Really raunchy for the forties. There was barely a plot. Just a string of surrealistic numbers choreographed by Busby Berkeley. You almost thought he was stoned when he directed them,
they're that crazy. The end of the film has these floating heads zooming at you which is really grotesque and disturbing to watch. The new DVD simulates the Technicolor look fairly good with very
garish hues. You might scratch your head afterwards and say, "What the hell was this movie about", but you won't forget the visuals. The strangest musical I've ever seen.




"The Magic Christian" (1970) This is an older DVD that is full frame rather than 16:9 but it replicates
the Technicolor visuals faithfully. It's a crazy counter-culture film starring Peter Sellers and Ringo
Starr. Ringo is quite funny as a homeless hippie that multi-millionaire Sellers adopts as his son.
Afterwards, Seller tries to prove that everyone has his price by bribing people to do outrageous 
stunts. For example, Lawrence Harvey does a striptease to Hamlet's "to be or not to be" on stage.
Yul Brynner sings "Mad About the Boy" in drag to Roman Polanski at a bar. Raquel Welch plays
'mistress of the whip'. You'll have to watch the movie to find out how that fits in. The songs are catchy
including Badfingers "Come and Get It" written by ex-Beatle Paul McCarthy. It's hard to describe
the story. Just a string of black out sketches, similar to what you'd see in a Monty Python episode
and two of that group pop up in roles here. If you're a fan of this type of British humor,
you'll find this picture very funny. Lots of politically incorrect humor. It has many more cameos of famous actors which you'll discover
as you watch it.
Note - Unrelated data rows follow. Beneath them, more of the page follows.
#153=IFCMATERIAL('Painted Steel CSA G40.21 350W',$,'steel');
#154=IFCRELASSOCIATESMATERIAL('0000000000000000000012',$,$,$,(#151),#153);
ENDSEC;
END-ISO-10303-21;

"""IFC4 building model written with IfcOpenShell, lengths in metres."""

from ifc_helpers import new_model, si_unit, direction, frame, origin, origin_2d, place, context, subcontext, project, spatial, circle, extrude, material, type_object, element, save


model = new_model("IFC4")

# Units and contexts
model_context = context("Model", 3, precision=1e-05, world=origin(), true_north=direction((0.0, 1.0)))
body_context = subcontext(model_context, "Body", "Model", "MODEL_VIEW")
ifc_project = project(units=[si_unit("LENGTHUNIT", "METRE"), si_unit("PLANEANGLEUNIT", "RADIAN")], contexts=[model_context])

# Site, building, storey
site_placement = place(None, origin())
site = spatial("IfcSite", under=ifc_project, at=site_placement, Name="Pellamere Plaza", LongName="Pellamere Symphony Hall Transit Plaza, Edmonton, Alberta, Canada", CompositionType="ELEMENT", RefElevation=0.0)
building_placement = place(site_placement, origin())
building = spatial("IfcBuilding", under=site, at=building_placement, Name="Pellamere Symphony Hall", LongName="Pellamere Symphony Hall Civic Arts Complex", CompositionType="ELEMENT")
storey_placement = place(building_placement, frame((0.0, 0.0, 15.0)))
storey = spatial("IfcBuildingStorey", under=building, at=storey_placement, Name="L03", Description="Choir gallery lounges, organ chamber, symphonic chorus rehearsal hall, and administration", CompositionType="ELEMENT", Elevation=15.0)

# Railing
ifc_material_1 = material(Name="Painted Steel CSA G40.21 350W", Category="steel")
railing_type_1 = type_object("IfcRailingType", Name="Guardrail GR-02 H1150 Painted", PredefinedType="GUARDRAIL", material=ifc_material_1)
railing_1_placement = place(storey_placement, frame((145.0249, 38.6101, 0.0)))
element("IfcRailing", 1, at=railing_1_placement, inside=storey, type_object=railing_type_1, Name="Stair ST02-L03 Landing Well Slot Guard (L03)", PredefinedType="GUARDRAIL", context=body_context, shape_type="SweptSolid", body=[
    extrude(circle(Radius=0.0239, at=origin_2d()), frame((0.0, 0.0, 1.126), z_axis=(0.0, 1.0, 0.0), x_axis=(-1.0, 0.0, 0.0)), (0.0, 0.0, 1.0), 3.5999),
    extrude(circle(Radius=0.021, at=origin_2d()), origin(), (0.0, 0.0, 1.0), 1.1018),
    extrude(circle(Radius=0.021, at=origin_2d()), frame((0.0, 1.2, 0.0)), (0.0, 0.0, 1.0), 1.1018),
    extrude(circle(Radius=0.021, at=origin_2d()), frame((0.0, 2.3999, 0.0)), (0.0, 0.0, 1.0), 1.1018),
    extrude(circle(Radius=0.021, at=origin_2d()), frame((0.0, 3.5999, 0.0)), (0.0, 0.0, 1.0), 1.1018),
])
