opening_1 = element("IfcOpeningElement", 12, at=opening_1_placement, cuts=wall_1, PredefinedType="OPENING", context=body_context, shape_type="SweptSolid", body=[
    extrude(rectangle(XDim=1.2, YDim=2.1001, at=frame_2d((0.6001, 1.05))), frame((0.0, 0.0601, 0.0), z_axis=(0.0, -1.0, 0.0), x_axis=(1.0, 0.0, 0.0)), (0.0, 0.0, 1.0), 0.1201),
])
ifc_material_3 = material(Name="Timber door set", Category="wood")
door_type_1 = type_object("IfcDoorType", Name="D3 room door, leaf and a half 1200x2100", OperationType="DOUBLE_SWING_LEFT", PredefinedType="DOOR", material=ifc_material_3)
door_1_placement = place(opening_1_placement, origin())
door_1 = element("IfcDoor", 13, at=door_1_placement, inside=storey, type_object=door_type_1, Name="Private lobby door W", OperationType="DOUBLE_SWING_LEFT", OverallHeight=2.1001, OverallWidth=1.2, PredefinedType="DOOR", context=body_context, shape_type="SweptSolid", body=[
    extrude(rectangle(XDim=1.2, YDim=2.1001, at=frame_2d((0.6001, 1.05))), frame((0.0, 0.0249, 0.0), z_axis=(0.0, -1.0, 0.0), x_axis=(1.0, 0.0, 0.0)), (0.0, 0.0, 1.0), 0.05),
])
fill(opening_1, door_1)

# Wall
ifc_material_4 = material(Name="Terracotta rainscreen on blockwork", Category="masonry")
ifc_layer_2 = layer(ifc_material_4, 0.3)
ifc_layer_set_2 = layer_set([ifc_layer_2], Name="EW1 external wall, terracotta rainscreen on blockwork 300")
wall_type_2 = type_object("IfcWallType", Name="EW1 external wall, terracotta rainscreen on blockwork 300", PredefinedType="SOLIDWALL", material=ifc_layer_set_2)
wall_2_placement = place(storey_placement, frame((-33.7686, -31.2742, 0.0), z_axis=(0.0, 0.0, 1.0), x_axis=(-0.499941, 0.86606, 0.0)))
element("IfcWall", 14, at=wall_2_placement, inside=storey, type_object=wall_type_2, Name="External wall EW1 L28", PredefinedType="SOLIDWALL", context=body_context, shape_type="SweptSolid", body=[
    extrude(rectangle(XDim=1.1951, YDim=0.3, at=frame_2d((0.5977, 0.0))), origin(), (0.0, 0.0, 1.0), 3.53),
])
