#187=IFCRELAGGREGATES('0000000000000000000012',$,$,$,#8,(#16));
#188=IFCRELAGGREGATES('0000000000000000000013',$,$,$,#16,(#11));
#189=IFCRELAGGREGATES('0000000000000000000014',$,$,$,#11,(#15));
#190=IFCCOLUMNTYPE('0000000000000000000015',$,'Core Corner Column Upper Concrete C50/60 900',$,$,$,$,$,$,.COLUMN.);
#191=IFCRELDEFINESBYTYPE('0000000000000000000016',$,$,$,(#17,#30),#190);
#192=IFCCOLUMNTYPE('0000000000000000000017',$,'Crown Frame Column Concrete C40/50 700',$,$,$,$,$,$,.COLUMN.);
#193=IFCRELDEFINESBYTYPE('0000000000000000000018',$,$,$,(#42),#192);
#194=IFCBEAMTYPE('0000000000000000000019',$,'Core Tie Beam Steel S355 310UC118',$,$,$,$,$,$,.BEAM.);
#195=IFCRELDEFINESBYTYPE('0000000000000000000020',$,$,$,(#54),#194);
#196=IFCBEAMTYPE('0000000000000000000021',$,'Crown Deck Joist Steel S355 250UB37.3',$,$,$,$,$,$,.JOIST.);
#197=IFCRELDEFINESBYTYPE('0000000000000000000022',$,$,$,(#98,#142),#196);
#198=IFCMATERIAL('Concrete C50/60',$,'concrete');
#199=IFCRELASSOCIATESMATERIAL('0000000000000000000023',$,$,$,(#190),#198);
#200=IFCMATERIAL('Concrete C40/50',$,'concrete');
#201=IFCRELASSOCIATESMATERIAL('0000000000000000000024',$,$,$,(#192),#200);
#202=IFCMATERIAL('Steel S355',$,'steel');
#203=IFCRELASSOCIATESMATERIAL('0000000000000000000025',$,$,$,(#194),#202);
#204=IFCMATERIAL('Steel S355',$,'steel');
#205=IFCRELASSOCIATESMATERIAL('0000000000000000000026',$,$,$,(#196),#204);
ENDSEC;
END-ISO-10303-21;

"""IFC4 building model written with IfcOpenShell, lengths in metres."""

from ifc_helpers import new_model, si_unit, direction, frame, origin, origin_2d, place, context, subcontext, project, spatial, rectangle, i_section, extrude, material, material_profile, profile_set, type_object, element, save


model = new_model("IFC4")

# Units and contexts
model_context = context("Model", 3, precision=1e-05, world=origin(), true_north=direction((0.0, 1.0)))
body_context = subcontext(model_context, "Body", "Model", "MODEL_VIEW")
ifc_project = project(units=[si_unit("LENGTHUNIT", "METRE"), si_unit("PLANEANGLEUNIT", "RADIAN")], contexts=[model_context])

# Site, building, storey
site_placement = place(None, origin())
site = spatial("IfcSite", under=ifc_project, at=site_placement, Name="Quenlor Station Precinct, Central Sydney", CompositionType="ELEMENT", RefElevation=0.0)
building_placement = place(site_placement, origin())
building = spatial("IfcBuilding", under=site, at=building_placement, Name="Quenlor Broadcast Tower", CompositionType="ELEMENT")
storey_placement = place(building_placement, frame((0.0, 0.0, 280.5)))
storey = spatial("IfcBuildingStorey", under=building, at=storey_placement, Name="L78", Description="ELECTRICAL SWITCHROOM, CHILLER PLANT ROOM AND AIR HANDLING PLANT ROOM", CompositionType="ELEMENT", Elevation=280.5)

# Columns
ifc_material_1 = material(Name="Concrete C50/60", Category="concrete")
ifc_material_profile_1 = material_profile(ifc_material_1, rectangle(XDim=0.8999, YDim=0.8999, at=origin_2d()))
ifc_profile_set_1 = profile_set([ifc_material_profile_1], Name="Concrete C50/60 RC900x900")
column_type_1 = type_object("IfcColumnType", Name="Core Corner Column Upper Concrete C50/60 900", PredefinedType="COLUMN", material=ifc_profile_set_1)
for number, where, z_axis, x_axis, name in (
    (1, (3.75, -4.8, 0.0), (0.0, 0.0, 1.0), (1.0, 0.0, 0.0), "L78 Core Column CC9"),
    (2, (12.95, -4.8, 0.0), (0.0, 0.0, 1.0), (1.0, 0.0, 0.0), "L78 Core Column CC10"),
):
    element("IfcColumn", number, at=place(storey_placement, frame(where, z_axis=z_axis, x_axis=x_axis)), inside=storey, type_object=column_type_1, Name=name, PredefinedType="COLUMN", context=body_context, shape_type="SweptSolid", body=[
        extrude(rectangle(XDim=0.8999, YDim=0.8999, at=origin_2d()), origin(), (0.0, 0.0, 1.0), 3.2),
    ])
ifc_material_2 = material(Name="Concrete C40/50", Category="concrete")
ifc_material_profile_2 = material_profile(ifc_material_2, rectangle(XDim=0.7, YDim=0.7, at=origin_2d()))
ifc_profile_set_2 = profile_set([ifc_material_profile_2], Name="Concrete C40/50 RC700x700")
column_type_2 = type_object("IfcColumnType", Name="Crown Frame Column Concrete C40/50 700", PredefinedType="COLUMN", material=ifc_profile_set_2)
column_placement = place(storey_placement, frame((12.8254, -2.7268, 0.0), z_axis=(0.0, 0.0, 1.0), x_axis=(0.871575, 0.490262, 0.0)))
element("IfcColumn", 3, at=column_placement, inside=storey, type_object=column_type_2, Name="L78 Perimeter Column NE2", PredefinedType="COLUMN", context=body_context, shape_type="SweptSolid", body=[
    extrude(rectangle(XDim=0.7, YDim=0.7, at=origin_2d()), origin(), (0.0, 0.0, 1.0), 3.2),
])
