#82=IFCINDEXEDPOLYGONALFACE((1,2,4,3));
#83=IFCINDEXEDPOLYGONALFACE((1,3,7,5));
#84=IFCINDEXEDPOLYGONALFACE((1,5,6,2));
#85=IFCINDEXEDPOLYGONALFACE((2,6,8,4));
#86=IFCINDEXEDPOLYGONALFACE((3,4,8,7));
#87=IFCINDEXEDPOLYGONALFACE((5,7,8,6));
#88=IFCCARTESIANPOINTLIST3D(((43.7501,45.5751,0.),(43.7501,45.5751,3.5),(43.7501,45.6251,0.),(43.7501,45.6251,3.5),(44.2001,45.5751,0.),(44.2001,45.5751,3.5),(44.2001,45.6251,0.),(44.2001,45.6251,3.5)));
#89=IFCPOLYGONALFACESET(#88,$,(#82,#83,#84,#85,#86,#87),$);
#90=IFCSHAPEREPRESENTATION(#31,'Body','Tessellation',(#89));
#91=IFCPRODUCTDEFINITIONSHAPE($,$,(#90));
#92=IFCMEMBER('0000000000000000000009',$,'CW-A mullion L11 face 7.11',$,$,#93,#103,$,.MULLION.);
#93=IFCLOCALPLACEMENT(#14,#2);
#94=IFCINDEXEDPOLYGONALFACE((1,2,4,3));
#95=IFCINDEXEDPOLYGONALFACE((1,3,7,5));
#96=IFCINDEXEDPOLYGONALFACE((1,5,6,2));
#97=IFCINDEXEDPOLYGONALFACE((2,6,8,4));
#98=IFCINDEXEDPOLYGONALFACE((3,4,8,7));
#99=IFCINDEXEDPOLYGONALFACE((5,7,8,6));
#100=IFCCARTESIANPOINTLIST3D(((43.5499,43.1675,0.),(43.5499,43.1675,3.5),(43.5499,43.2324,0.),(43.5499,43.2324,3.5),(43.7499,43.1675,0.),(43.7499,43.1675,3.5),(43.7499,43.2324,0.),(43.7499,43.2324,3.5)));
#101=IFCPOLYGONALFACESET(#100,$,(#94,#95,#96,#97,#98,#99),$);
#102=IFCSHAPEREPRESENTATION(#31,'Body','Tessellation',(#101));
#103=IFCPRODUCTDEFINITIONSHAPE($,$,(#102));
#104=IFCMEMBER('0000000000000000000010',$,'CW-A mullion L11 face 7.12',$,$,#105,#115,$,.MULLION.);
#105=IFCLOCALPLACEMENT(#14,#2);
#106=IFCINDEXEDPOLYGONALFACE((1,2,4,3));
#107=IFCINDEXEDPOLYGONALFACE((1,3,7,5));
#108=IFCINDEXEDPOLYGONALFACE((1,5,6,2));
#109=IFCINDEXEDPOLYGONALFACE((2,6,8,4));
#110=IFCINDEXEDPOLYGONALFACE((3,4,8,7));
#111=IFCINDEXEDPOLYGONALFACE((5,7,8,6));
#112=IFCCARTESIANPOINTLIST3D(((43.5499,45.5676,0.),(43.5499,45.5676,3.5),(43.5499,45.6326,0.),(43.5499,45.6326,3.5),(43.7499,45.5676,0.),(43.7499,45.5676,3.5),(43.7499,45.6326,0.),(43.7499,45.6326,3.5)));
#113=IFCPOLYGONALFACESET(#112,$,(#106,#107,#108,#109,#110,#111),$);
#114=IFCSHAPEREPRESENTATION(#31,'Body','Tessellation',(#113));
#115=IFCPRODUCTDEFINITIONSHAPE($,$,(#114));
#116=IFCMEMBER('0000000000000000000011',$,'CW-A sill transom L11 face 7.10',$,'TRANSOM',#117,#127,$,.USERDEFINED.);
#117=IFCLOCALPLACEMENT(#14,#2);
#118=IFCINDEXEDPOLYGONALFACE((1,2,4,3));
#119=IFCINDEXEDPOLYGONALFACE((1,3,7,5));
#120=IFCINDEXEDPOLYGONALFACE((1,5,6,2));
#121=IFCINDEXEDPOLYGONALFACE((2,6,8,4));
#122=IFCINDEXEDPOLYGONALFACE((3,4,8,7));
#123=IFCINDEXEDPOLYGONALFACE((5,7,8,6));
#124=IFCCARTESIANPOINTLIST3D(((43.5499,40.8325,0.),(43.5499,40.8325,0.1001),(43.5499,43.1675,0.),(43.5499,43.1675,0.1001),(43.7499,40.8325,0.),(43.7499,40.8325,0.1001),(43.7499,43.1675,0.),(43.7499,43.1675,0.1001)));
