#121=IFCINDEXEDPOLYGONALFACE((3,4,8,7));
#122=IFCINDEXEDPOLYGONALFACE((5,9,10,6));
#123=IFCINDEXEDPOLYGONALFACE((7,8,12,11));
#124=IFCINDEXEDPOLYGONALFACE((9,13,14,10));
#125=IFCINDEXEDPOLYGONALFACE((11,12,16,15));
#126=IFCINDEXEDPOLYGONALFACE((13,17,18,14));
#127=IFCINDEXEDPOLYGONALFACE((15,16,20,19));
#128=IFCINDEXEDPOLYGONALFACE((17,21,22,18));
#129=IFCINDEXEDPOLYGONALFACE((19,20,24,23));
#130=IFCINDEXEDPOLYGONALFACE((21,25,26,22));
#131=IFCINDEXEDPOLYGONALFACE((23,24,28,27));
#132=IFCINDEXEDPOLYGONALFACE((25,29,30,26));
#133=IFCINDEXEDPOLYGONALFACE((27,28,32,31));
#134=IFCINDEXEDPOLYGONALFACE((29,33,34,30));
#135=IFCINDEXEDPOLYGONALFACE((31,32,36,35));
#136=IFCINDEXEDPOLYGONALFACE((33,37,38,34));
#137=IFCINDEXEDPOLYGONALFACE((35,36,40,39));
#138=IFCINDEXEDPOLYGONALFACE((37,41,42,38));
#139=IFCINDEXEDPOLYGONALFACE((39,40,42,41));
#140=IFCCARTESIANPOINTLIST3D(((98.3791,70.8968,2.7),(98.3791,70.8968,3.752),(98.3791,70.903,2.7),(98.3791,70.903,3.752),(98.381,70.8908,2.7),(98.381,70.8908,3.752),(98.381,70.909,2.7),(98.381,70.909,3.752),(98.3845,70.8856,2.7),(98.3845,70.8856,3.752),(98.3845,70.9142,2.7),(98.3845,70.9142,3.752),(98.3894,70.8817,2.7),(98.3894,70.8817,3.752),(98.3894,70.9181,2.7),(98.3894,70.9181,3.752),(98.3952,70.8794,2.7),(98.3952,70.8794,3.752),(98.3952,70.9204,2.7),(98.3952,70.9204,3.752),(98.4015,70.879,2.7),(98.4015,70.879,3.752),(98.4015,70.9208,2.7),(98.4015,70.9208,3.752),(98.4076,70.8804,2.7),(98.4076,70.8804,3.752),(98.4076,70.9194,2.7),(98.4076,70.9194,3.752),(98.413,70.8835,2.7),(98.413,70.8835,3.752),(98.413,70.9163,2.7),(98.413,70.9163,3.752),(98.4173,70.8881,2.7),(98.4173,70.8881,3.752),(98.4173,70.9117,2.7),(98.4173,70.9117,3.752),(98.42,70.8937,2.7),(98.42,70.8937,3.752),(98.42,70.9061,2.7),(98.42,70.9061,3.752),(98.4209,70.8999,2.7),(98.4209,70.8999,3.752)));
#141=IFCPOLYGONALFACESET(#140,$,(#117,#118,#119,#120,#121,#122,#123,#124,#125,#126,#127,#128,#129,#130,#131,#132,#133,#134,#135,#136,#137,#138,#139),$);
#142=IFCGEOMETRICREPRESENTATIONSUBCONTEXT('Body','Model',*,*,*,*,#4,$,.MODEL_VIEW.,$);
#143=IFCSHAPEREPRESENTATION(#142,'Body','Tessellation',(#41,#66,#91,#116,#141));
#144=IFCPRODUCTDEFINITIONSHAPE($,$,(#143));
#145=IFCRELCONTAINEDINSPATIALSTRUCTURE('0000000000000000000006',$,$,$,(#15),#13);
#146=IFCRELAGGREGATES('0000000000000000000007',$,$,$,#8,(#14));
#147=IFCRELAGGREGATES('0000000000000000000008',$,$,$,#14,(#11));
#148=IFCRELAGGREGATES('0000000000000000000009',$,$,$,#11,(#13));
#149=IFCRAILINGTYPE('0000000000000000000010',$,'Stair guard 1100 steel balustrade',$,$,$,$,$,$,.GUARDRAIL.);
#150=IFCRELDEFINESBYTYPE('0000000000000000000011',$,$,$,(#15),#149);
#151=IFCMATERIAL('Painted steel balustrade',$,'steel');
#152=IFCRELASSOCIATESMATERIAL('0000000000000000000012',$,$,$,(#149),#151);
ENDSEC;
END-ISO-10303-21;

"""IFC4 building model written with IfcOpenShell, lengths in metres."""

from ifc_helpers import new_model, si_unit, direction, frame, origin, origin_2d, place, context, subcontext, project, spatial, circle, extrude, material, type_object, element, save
The climax is very gross but suits the story. The first time I saw this was an arts camp in Canada (Manitou Wabing) back in 1973. It was a unusual choice to show a group of underage campers but I certainly remembered it. TV prints were heavily censored but this DVD is uncut.


----------



## brandonnash (Sep 11, 2006)

I may have to pick up one or all of these. Seem like they may be up my alley.


----------



## Richard W. Haines (Jul 9, 2007)

If you do, post your thoughts after screening them.


----------



## tc-60guy (May 26, 2007)

Howdy, If you guys like the Magic Christian, you should check out The ruling class with Peter sellers. It's weird,sick,and one of only two movies I know of with crucsifixion musical numbers! The opening scene alone is worth the price of admission.


----------



## Richard W. Haines (Jul 9, 2007)

Excellent choice and I agree, it's a great black comedy. Peter O'Toole's second best performance of his top three, the others being "Lawrence of Arabia" and "My Favorite Year". There are some problems with the picture which is it's extreme length and a very slow opening before O'Toole arrives but otherwise it's great. Almost a musical with the cast slipping into vaudeville songs and then returning to the dialogue as if nothing happened. My favorite number is the 'Varsity Drag'.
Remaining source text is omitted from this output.